We love serving this ice cream with Cinnamon Rolls with Rompope Frosting, Triple Chocolate Fudgy Brownies, or Super Moist Cherry Loaf.
If vanilla ice cream feels too basic for you and wanted something with packed with flavour and texture, try our Salted Caramel Pecan Ice Cream. It's honestly to die for!
Ingredients
Whole Milk - helps with the texture and flavour of the ice cream. I recommend whole milk and nothing of low-fat and lactose milk. The full fat helps create airy crystals once it is in the machine churning away.
Heavy Cream - one of the key ingredients here! Heavy cream (or whipping cream) is a must for homemade ice cream.

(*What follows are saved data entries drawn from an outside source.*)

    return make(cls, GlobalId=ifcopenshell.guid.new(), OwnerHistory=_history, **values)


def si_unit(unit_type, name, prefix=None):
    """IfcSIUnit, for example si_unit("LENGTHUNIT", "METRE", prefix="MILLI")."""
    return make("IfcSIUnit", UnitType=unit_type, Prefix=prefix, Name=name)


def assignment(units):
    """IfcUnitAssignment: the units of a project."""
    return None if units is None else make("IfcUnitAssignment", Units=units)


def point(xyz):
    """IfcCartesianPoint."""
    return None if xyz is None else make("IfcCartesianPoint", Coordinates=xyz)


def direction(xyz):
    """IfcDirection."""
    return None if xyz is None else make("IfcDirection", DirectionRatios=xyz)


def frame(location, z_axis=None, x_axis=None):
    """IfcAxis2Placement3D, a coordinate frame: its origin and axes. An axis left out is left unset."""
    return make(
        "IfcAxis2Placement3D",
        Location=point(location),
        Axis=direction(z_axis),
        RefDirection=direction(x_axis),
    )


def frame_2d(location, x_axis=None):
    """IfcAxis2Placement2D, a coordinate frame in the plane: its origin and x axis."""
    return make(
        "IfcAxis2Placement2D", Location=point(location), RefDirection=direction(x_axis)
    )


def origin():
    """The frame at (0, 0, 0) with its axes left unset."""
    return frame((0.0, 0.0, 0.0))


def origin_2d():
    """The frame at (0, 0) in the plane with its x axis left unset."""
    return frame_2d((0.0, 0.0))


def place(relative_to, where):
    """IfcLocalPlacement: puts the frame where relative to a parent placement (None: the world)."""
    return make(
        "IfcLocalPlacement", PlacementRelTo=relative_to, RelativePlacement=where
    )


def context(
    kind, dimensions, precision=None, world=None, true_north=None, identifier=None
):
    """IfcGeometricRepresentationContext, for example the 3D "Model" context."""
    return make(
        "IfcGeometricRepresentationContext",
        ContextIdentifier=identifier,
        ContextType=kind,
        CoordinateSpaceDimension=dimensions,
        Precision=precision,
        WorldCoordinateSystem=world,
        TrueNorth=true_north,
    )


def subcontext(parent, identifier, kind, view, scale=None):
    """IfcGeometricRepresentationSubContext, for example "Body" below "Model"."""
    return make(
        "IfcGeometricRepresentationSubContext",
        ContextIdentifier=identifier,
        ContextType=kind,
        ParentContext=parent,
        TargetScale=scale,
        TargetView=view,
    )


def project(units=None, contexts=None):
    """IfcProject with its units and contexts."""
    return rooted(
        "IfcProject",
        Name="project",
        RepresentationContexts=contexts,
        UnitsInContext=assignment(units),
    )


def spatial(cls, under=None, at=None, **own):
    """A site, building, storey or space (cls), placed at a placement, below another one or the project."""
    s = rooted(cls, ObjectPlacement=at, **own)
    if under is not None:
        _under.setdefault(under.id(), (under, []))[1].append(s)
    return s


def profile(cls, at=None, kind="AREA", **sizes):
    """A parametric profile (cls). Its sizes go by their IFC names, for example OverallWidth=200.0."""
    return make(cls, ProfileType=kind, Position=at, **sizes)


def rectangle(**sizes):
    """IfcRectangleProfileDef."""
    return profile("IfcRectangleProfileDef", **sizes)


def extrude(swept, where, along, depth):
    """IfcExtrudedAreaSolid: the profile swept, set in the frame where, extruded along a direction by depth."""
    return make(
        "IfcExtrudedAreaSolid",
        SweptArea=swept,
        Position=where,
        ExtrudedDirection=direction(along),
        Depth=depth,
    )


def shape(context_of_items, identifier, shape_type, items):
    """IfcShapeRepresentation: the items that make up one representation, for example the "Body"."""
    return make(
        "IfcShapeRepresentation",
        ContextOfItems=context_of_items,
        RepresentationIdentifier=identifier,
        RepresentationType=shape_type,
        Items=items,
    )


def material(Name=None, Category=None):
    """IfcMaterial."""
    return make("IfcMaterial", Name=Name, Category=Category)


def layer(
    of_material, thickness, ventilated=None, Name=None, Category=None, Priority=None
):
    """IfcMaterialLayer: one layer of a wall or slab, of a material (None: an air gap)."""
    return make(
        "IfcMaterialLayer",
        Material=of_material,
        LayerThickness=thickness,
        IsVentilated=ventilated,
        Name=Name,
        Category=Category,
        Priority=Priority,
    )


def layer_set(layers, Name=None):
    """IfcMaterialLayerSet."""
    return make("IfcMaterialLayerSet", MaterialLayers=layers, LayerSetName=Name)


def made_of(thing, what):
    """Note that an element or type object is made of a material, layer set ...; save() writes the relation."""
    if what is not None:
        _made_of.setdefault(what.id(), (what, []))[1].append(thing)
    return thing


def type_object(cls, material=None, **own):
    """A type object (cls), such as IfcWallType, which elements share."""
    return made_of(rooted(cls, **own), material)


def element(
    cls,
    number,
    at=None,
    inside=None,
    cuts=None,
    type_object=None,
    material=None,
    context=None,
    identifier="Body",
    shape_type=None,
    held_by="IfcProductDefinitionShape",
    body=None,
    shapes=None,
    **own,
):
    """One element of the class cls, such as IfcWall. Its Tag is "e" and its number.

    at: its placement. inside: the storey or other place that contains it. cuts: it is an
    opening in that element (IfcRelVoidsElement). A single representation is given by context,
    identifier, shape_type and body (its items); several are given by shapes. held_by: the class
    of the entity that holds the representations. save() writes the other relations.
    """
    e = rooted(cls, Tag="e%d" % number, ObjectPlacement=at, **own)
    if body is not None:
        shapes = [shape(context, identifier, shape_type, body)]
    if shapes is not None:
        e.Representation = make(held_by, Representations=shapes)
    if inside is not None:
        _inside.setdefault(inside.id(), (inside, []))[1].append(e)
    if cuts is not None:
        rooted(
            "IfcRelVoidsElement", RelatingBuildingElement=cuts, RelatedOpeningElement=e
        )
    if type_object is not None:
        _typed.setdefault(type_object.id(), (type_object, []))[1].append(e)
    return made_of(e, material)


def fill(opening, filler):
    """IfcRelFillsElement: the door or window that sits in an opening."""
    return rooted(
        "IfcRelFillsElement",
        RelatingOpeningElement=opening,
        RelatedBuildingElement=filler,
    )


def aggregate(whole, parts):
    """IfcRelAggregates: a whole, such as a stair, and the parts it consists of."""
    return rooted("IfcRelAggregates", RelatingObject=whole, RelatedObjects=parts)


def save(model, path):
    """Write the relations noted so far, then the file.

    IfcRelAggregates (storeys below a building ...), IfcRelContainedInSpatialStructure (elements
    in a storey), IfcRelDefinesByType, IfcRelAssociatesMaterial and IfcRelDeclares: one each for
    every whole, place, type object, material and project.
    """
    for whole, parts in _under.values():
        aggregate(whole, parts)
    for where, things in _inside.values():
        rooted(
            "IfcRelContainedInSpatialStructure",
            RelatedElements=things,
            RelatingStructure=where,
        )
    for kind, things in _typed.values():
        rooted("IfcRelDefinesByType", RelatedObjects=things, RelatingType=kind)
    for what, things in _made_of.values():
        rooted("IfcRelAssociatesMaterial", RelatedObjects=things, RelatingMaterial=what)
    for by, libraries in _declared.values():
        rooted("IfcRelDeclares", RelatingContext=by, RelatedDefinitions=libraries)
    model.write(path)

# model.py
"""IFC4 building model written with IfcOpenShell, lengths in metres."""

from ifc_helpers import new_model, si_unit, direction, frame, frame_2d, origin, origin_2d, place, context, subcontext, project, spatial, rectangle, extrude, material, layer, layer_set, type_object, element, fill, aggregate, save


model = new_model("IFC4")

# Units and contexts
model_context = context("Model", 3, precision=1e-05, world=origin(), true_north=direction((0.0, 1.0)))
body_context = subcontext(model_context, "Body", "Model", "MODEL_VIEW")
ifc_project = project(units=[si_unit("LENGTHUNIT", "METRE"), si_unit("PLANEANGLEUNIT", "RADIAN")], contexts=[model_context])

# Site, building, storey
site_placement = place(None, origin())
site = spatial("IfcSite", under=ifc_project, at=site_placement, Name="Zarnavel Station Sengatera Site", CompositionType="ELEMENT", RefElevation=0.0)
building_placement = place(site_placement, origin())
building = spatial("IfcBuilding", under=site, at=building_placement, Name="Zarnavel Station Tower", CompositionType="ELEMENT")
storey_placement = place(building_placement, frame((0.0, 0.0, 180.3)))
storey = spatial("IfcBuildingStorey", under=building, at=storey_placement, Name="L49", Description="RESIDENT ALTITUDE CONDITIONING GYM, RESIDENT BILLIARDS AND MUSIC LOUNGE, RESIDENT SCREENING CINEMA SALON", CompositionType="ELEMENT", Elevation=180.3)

Sugar - you can use 1/2 to 3/4 cups of sugar. I find 3/4 a little bit too much for me and 1/2 cup is perfect for me and my family.
Egg Yolk - using egg yolks in the ice cream mixtures creates a richer and fuller texture of ice cream. It is literally the ingredient that takes you from average ice cream to gourmet-flavoured ice cream!
Vanilla Bean - just one vanilla bean is enough to bring this ice cream to life! I like to use the back of the knife it scraps all the vanilla beans out. If you don't have vanilla beans, you can replace it with 1 tablespoon of pure vanilla extract or vanilla bean paste!
Salt - this is optional but I would recommend it. Just a pinch is enough to bring out the flavour of everything!
Food to Pair with Vanilla Ice Cream
- Pie (pecan, apple, strawberry, rhubarb, chocolate, etc)
- Cake (chocolate cake, fruit cake, cobble cake, pound cake, etc)
- Sundae's (toppings like: strawberry, peach, chocolate syrup, candies, nuts, etc)
- Loaf's (banana, chocolate chips, pecan, blueberry, cherry, etc)
- Tarts (apple, blackberry, peach, guava, pineapple, Nutella, etc)
- cookies (ginger cookie, chocolate chips, macadamia cookie, trip chocolate, etc)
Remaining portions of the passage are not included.